Signs of Child Sexual Abuse

signs of child sex abuse

Sexual abuse is one of the most significant traumas a child can endure, and children display a range of behaviors in its aftermath, which can vary from child to child. Children often cannot disclose abuse due to manipulation by the perpetrator or their inability to verbalize what has occurred.

Recognizing molestation signs can help you identify child sexual abuse quickly. Discovering your child has been sexually abused is devastating, but recognizing it early allows you to provide your child with critical support and intervention to facilitate healing and minimize long-term harm.

If your child has been sexually abused while in the care of a school, church, or other institution, our dedicated and compassionate Pennsylvania injury attorneys may be able to help you recover significant financial compensation and access to support and services for your family. Contact us today for a free consultation.

Signs of Sexual Abuse in Children

All children respond differently to sexual abuse, and your child most likely will not display all of the signs of sexual abuse. Some children do not display any outward signs. It is also possible for your children to have these symptoms without sexual abuse having occurred.

However, if you observe these symptoms and they are new or unusual for your child, this could be a warning sign of sexual abuse.

Physical Signs

Physical symptoms may stem directly from the abuse or indirectly as a response to the emotional trauma triggered by the abuse.
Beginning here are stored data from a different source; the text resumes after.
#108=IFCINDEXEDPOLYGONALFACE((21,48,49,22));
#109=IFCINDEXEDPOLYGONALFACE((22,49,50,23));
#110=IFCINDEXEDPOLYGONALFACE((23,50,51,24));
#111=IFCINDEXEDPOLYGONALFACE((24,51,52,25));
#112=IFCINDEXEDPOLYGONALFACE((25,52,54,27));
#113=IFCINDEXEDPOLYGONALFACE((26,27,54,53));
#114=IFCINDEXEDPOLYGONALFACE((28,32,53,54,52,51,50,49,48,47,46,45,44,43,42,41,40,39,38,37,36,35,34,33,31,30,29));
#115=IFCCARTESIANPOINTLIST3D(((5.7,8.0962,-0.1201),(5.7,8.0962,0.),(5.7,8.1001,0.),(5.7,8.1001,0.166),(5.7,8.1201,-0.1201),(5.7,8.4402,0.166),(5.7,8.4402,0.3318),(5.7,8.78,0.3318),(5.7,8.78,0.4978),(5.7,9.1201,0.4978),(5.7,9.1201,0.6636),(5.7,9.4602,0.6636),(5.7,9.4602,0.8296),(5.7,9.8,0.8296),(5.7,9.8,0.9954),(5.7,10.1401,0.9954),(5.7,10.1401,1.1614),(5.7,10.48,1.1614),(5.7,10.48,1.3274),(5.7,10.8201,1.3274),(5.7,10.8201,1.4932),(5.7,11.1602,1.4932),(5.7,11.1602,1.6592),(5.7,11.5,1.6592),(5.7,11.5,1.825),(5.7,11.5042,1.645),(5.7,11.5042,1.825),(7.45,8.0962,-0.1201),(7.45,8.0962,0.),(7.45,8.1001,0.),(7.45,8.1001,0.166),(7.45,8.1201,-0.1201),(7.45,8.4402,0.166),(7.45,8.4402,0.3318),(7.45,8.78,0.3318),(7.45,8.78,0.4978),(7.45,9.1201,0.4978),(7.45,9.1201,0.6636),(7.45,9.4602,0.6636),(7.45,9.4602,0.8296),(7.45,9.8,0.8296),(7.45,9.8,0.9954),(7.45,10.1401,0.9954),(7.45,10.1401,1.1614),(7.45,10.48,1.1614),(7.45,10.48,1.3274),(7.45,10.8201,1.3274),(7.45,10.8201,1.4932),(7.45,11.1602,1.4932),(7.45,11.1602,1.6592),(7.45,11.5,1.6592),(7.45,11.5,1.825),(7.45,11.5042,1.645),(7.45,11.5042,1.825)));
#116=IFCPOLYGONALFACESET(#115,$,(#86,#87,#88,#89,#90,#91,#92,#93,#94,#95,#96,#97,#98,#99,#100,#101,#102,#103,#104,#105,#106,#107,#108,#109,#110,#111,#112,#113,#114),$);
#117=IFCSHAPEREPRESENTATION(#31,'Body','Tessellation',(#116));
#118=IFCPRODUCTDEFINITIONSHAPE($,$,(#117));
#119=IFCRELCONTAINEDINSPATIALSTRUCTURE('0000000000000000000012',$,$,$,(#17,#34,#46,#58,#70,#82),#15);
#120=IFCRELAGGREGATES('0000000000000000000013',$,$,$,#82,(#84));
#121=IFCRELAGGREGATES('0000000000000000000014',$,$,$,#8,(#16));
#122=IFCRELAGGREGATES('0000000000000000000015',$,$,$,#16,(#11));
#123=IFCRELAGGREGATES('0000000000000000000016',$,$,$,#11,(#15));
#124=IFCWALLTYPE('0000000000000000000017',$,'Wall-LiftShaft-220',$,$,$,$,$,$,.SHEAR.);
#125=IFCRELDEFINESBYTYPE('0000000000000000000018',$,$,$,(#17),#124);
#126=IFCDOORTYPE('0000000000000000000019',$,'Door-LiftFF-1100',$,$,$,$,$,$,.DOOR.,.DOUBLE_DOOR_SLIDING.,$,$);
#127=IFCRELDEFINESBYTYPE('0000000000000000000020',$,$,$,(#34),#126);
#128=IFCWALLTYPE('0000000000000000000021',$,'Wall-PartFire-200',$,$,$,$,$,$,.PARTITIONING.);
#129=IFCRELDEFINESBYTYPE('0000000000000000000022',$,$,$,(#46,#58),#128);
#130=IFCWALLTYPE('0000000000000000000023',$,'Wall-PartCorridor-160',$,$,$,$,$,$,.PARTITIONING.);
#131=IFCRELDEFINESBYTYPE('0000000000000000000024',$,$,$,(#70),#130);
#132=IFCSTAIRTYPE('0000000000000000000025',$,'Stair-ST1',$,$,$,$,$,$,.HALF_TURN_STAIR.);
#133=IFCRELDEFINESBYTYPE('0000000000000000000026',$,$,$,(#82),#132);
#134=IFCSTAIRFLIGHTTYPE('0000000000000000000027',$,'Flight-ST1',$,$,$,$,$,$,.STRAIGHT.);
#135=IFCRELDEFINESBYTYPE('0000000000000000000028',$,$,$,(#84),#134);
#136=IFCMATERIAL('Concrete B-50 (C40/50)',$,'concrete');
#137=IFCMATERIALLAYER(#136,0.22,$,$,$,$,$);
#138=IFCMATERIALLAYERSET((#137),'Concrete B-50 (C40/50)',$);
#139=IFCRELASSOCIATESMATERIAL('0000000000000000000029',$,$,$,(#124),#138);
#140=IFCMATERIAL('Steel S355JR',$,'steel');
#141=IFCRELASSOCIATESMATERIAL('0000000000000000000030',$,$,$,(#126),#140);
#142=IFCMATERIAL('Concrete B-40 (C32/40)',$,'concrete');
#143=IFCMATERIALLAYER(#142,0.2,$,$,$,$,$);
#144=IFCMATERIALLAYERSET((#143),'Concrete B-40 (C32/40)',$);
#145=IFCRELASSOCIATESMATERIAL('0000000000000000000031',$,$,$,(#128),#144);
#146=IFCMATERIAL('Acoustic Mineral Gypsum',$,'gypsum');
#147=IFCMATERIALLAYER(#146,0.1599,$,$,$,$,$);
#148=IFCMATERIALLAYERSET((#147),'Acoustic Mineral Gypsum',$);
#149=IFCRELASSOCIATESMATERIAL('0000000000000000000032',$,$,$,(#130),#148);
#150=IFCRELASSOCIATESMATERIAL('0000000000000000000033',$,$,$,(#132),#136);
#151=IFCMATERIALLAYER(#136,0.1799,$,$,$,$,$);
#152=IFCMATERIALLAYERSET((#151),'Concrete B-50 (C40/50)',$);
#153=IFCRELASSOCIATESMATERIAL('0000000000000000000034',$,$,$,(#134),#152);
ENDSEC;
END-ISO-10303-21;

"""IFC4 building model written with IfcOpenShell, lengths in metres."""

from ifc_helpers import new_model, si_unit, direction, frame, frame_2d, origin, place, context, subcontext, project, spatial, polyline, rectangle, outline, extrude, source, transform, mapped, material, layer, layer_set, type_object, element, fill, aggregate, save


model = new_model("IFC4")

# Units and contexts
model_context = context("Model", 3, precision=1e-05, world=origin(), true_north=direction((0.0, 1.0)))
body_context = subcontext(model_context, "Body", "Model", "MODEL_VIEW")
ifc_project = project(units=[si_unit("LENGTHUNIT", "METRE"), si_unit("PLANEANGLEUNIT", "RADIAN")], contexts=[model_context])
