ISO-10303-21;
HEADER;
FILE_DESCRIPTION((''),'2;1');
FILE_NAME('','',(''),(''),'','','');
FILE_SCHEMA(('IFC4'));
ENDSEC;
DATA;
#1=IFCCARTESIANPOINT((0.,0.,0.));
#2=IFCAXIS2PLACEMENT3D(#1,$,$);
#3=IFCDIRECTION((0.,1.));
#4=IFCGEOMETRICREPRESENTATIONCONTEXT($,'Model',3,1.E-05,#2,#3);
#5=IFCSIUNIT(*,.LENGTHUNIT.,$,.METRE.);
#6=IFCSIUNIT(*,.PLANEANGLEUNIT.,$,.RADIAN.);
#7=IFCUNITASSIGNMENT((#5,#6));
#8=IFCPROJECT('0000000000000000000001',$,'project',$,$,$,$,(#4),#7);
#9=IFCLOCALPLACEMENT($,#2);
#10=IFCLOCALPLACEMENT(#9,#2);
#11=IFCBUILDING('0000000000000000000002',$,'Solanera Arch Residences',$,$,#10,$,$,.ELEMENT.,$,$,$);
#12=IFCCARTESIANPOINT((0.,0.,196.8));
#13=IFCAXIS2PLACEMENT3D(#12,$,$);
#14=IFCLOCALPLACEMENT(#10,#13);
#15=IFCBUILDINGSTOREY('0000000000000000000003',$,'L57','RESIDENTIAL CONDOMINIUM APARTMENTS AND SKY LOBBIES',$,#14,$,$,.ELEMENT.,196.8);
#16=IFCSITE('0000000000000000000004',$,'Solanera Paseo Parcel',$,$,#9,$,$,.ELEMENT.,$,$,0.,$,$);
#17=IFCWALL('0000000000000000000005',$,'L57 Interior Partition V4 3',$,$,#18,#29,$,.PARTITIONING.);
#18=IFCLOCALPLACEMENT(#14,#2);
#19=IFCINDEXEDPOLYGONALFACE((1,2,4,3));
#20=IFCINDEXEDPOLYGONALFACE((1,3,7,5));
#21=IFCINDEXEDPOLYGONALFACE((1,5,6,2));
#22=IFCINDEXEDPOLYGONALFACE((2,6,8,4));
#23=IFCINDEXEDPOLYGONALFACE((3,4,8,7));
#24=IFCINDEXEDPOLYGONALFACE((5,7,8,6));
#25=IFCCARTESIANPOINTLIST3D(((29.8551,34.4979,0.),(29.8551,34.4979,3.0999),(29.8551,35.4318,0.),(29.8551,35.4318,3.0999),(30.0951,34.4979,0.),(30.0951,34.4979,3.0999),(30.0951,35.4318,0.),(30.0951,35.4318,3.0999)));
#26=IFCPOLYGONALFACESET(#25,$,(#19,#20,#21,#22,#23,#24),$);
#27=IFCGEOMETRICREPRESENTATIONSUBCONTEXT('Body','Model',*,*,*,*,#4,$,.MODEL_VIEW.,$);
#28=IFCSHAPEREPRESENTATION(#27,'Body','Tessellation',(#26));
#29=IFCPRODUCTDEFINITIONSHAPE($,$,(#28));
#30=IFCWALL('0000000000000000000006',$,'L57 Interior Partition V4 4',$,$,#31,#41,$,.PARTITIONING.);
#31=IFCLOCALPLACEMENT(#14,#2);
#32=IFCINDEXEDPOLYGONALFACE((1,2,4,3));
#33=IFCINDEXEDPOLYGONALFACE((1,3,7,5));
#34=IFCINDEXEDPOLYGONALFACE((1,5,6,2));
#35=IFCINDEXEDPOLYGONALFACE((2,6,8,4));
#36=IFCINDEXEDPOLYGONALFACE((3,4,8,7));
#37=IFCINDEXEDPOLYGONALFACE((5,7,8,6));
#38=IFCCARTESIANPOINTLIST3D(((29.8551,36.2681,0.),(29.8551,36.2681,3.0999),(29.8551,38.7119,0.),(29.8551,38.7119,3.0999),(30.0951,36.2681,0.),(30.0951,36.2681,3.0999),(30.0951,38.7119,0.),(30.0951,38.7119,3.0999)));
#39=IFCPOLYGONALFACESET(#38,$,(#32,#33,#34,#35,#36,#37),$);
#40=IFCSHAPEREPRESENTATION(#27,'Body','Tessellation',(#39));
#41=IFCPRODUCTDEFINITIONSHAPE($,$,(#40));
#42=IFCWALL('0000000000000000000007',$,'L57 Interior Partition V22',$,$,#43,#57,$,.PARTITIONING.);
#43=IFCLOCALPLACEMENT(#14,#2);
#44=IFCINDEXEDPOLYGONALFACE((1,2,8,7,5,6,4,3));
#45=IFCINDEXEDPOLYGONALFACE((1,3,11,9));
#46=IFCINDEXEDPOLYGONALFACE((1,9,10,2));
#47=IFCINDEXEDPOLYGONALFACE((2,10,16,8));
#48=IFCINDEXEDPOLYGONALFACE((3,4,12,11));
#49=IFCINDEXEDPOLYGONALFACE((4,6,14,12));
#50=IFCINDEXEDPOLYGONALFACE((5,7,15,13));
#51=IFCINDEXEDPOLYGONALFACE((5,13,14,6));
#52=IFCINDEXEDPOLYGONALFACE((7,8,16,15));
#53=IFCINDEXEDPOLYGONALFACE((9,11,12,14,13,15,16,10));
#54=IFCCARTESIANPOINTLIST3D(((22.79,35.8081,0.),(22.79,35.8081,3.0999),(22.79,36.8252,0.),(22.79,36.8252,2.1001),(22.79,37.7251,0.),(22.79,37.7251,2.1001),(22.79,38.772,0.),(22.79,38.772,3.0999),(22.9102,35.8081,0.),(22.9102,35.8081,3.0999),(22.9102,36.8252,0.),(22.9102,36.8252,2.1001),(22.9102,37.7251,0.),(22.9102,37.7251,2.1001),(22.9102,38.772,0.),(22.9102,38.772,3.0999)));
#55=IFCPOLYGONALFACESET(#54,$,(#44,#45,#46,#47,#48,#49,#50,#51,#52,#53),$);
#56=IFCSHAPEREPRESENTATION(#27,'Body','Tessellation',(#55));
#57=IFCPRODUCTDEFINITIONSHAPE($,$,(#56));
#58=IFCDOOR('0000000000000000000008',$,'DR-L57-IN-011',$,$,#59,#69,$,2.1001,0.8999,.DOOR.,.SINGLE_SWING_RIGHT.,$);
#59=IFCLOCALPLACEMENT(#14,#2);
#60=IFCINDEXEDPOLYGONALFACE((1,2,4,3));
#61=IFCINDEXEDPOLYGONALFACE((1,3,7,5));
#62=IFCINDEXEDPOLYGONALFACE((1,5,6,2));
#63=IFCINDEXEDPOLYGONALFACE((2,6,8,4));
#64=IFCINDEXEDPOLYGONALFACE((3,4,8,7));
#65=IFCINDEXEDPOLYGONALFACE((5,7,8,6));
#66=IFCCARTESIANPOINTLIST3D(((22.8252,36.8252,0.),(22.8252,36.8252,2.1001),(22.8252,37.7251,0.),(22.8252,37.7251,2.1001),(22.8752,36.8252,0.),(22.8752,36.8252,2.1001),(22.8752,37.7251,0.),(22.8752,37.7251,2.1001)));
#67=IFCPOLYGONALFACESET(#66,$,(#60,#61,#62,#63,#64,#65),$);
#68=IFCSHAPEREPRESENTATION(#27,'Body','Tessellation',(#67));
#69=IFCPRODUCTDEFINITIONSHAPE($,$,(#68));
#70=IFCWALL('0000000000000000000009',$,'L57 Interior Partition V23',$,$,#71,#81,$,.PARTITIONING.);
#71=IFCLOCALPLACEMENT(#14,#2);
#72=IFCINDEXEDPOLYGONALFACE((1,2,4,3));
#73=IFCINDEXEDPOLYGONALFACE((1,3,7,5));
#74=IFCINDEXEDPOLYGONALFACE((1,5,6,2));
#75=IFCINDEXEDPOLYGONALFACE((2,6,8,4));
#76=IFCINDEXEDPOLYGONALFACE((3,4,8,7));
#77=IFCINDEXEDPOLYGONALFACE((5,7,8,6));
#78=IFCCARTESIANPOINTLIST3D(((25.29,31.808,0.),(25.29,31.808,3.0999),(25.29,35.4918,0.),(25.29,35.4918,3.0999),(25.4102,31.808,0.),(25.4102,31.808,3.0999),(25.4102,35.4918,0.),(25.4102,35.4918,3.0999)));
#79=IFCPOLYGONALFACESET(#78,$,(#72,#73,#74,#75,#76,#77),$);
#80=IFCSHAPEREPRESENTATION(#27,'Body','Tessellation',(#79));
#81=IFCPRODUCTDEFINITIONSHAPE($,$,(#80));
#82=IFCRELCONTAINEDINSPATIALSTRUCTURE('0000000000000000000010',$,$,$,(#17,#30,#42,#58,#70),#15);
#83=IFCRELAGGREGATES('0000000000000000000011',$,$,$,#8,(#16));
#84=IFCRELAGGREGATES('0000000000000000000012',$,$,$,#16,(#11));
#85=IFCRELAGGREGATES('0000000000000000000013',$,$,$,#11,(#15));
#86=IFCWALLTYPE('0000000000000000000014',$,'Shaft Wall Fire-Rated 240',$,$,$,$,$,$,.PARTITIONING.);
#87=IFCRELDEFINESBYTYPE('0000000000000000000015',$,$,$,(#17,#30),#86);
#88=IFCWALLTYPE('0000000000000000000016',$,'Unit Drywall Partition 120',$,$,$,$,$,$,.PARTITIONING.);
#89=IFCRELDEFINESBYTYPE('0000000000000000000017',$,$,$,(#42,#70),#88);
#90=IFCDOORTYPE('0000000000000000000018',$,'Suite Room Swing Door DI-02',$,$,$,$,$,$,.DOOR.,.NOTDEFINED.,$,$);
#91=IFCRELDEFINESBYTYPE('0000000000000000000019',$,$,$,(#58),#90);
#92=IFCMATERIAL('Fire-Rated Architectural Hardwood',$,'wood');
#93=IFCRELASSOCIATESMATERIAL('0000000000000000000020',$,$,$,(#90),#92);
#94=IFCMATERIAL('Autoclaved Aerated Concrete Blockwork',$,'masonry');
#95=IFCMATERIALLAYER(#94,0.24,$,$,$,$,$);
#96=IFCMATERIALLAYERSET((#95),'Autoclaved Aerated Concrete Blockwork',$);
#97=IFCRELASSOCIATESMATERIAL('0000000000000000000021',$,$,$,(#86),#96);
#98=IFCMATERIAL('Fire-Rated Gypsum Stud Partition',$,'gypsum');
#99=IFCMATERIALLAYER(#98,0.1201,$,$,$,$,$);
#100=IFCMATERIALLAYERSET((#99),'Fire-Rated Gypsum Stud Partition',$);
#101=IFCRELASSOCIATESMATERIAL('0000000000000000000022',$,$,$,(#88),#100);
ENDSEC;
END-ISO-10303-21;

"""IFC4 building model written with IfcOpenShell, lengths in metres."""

from ifc_helpers import new_model, si_unit, direction, frame, frame_2d, origin, place, context, subcontext, project, spatial, rectangle, extrude, material, layer, layer_set, type_object, element, fill, save


model = new_model("IFC4")

# Units and contexts
model_context = context("Model", 3, precision=1e-05, world=origin(), true_north=direction((0.0, 1.0)))
body_context = subcontext(model_context, "Body", "Model", "MODEL_VIEW")
ifc_project = project(units=[si_unit("LENGTHUNIT", "METRE"), si_unit("PLANEANGLEUNIT", "RADIAN")], contexts=[model_context])

# Site, building, storey
site_placement = place(None, origin())
site = spatial("IfcSite", under=ifc_project, at=site_placement, Name="Solanera Paseo Parcel", CompositionType="ELEMENT", RefElevation=0.0)
building_placement = place(site_placement, origin())
building = spatial("IfcBuilding", under=site, at=building_placement, Name="Solanera Arch Residences", CompositionType="ELEMENT")
storey_placement = place(building_placement, frame((0.0, 0.0, 196.8)))
storey = spatial("IfcBuildingStorey", under=building, at=storey_placement, Name="L57", Description="RESIDENTIAL CONDOMINIUM APARTMENTS AND SKY LOBBIES", CompositionType="ELEMENT", Elevation=196.8)

# Shared definitions
ifc_material_1 = material(Name="Fire-Rated Architectural Hardwood", Category="wood")
door_type_1 = type_object("IfcDoorType", Name="Suite Room Swing Door DI-02", OperationType="NOTDEFINED", PredefinedType="DOOR", material=ifc_material_1)
ifc_material_2 = material(Name="Autoclaved Aerated Concrete Blockwork", Category="masonry")
ifc_layer_1 = layer(ifc_material_2, 0.24)
ifc_layer_set_1 = layer_set([ifc_layer_1], Name="Autoclaved Aerated Concrete Blockwork")
wall_type_1 = type_object("IfcWallType", Name="Shaft Wall Fire-Rated 240", PredefinedType="PARTITIONING", material=ifc_layer_set_1)

# Walls
wall_1_placement = place(storey_placement, frame((29.9751, 34.498, 0.0), z_axis=(0.0, 0.0, 1.0), x_axis=(0.0, 1.0, 0.0)))
element("IfcWall", 1, at=wall_1_placement, inside=storey, type_object=wall_type_1, Name="L57 Interior Partition V4 3", PredefinedType="PARTITIONING", context=body_context, shape_type="SweptSolid", body=[
    extrude(rectangle(XDim=0.9338, YDim=0.24, at=frame_2d((0.4668, 0.0))), origin(), (0.0, 0.0, 1.0), 3.0999),
])
wall_2_placement = place(storey_placement, frame((29.9751, 36.2681, 0.0), z_axis=(0.0, 0.0, 1.0), x_axis=(0.0, 1.0, 0.0)))
element("IfcWall", 2, at=wall_2_placement, inside=storey, type_object=wall_type_1, Name="L57 Interior Partition V4 4", PredefinedType="PARTITIONING", context=body_context, shape_type="SweptSolid", body=[
    extrude(rectangle(XDim=2.4438, YDim=0.24, at=frame_2d((1.2219, 0.0))), origin(), (0.0, 0.0, 1.0), 3.0999),
])

# Wall, opening, door
ifc_material_3 = material(Name="Fire-Rated Gypsum Stud Partition", Category="gypsum")
ifc_layer_2 = layer(ifc_material_3, 0.1201)
ifc_layer_set_2 = layer_set([ifc_layer_2], Name="Fire-Rated Gypsum Stud Partition")
wall_type_2 = type_object("IfcWallType", Name="Unit Drywall Partition 120", PredefinedType="PARTITIONING", material=ifc_layer_set_2)
wall_3_placement = place(storey_placement, frame((22.8501, 35.8081, 0.0), z_axis=(0.0, 0.0, 1.0), x_axis=(0.0, 1.0, 0.0)))
wall_3 = element("IfcWall", 3, at=wall_3_placement, inside=storey, type_object=wall_type_2, Name="L57 Interior Partition V22", PredefinedType="PARTITIONING", context=body_context, shape_type="SweptSolid", body=[
    extrude(rectangle(XDim=2.9639, YDim=0.1201, at=frame_2d((1.4819, 0.0))), origin(), (0.0, 0.0, 1.0), 3.0999),
])
opening_1_placement = place(wall_3_placement, frame((1.0171, 0.0, 0.0)))
opening_1 = element("IfcOpeningElement", 4, at=opening_1_placement, cuts=wall_3, PredefinedType="OPENING", context=body_context, shape_type="SweptSolid", body=[
    extrude(rectangle(XDim=0.8999, YDim=2.1001, at=frame_2d((0.45, 1.05))), frame((0.0, 0.0701, 0.0), z_axis=(0.0, -1.0, 0.0), x_axis=(1.0, 0.0, 0.0)), (0.0, 0.0, 1.0), 0.1401),
])
door_1_placement = place(opening_1_placement, origin())
door_1 = element("IfcDoor", 5, at=door_1_placement, inside=storey, type_object=door_type_1, Name="DR-L57-IN-011", OperationType="SINGLE_SWING_RIGHT", OverallHeight=2.1001, OverallWidth=0.8999, PredefinedType="DOOR", context=body_context, shape_type="SweptSolid", body=[
    extrude(rectangle(XDim=0.8999, YDim=2.1001, at=frame_2d((0.45, 1.05))), frame((0.0, 0.0249, 0.0), z_axis=(0.0, -1.0, 0.0), x_axis=(1.0, 0.0, 0.0)), (0.0, 0.0, 1.0), 0.05),
])
fill(opening_1, door_1)

# Wall
wall_4_placement = place(storey_placement, frame((25.3501, 31.8081, 0.0), z_axis=(0.0, 0.0, 1.0), x_axis=(0.0, 1.0, 0.0)))
element("IfcWall", 6, at=wall_4_placement, inside=storey, type_object=wall_type_2, Name="L57 Interior Partition V23", PredefinedType="PARTITIONING", context=body_context, shape_type="SweptSolid", body=[
    extrude(rectangle(XDim=3.6838, YDim=0.1201, at=frame_2d((1.8418, 0.0))), origin(), (0.0, 0.0, 1.0), 3.0999),
])

save(model, "model.ifc")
Several organizations, including the Pennsylvania Family Support Alliance, Darkness to Light, and the National Sex Offender Public Website of the United States Department of Justice, have identified the following physical symptoms that may be warning signs of sexual abuse:

  • Injuries to the genital area, including pain, itching, bruising, or bleeding
  • Urinary or yeast infections
  • Underclothing that has been torn or stained with blood or bodily fluids
  • Sexually transmitted infections
  • Pain while using the bathroom
  • Wetting or soiling accidents, which are not related to potty training
  • Increased complaints of stomachaches or headaches 
  • Trouble swallowing

If you observe any of these symptoms, your child should undergo a medical examination as soon as possible. A doctor can often detect sexual contact, and your child may have injuries that require treatment. 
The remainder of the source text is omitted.